4. De globalisering en conjunctuur dwingen tot flexwerk
De productie in lage lonenlanden en de grillige economische omstandigheden vragen om een goedkoop personeelsbestand dat snel kan groeien en krimpen, zeggen veel werkgevers. Met andere woorden: om flexwerkers. Vooral in exportsectoren is er inderdaad een verband tussen globalisering en de toename van flexwerkers, heeft het CPB geanalyseerd. Als het aandeel export op de omzet in een sector 1 procent stijgt, neemt het aantal flexwerkers 0,17 procent toe. Economische schommelingen hebben geen duidelijk verband met de groei van flexwerkers. De conjunctuur op zich is geen oorzaak van de toename. De conjunctuur lijkt hooguit van invloed op het groeitempo van flexwerk en het type contracten dat toeneemt. Tussen 2003 en 2015 zijn vooral „de meest flexibele en onzekere typen flexibele contracten” toegenomen, volgens het CPB. Vorig jaar had de helft van alle flexwerkers een oproep- of invalcontract of een contract zonder vaste uren. Het CPB ziet overigens geen statistisch verband tussen de globalisering en conjunctuur en de groei van zzp’ers.

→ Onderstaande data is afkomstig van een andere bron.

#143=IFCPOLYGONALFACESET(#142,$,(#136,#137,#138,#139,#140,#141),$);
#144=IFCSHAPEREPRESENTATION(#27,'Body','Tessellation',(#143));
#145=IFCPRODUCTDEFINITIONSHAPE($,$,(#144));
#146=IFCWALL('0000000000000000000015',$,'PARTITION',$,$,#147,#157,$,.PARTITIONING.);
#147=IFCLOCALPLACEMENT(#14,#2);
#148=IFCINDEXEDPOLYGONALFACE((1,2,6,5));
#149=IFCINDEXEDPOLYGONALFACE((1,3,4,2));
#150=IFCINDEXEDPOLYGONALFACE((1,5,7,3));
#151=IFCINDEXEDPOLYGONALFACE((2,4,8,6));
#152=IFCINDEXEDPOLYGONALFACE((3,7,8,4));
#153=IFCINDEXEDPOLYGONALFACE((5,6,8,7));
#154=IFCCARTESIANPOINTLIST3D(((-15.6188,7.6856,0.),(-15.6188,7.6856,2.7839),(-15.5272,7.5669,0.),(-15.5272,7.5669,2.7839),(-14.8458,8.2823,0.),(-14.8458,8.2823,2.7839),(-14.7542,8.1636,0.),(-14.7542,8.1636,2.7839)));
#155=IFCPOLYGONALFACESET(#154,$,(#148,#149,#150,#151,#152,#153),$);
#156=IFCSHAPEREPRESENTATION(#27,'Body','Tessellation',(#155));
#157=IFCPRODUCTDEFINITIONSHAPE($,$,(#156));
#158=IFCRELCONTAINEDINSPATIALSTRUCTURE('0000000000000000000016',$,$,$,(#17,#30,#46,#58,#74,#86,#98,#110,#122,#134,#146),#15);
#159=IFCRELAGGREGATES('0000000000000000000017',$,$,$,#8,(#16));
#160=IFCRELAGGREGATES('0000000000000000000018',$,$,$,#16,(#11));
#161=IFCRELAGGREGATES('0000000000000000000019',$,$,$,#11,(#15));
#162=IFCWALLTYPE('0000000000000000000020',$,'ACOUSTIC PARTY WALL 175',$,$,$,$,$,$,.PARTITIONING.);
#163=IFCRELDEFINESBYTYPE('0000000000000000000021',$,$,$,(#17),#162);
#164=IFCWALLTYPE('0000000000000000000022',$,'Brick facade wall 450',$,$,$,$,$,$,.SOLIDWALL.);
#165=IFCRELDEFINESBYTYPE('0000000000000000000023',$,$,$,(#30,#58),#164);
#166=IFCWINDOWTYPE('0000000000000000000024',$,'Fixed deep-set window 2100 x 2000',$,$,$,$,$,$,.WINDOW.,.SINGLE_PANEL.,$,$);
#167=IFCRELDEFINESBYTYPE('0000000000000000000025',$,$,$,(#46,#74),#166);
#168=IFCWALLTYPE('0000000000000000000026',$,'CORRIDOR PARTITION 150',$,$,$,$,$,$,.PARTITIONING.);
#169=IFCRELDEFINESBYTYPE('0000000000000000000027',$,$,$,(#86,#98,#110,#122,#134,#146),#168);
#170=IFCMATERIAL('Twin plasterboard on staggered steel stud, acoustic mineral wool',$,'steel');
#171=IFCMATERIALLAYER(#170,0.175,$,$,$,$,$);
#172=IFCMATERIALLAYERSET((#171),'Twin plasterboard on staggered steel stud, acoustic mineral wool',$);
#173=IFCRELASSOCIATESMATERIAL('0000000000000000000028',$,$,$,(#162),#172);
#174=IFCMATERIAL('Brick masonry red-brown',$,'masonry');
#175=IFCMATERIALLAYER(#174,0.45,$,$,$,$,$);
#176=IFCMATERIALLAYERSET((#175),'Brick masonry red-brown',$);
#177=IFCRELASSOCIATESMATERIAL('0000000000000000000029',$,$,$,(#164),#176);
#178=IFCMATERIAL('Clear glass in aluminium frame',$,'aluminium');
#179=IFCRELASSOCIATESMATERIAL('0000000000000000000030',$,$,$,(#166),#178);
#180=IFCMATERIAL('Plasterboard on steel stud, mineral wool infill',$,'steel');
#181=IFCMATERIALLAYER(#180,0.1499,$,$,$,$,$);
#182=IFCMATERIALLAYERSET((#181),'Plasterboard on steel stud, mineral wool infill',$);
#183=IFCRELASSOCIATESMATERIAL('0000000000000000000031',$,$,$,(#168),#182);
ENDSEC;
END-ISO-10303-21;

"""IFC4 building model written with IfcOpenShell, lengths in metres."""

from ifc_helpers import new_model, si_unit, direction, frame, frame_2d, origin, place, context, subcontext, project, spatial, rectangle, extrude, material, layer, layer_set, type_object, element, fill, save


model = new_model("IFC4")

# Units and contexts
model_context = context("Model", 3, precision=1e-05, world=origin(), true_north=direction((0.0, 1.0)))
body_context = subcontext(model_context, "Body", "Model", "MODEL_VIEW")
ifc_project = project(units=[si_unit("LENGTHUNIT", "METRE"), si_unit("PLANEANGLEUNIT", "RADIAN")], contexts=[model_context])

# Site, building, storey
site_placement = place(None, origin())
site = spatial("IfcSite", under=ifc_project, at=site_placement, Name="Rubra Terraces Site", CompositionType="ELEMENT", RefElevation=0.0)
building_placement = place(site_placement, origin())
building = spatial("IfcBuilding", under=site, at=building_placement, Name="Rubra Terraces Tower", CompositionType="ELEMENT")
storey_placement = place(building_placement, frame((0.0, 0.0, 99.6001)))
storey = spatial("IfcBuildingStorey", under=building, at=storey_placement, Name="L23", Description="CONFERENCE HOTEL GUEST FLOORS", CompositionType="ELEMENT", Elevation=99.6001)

5. Als bedrijven niet flexibiliseren, wint de concurrentie
De belangrijkste verklaring voor de groei van flexwerk is beperking van de kosten en risico’s door werkgevers, zegt het CPB. Flexwerkers (en zzp’ers) zijn vaak goedkoper en je zit er niet zo lang aan vast als ze ziek worden of als het slechter gaat met de zaak. „Leergedrag” of kopieergedrag kan hierbij een rol spelen, volgens het CPB: „Wanneer werkgevers zien dat concurrenten kostenvoordeel behalen door handiger gebruik te maken van mogelijkheden om kosten en risico’s te vermijden, dan gaan ze dat nadoen”, staat in een van de rapporten. Zeker in markten met veel concurrentie door de lage lonen-productie, de open grenzen in Europa, meer toezicht en overheidsaanbestedingen, is te verwachten dat bedrijven meer op flexwerk overstappen en elkaar na-apen. „Ook maatschappelijke acceptatie - mijn concurrent gebruikt veel flexibele arbeid, dus is het geaccepteerd dat ik het ook doe – kan hierbij een rol spelen”, schrijven de onderzoekers.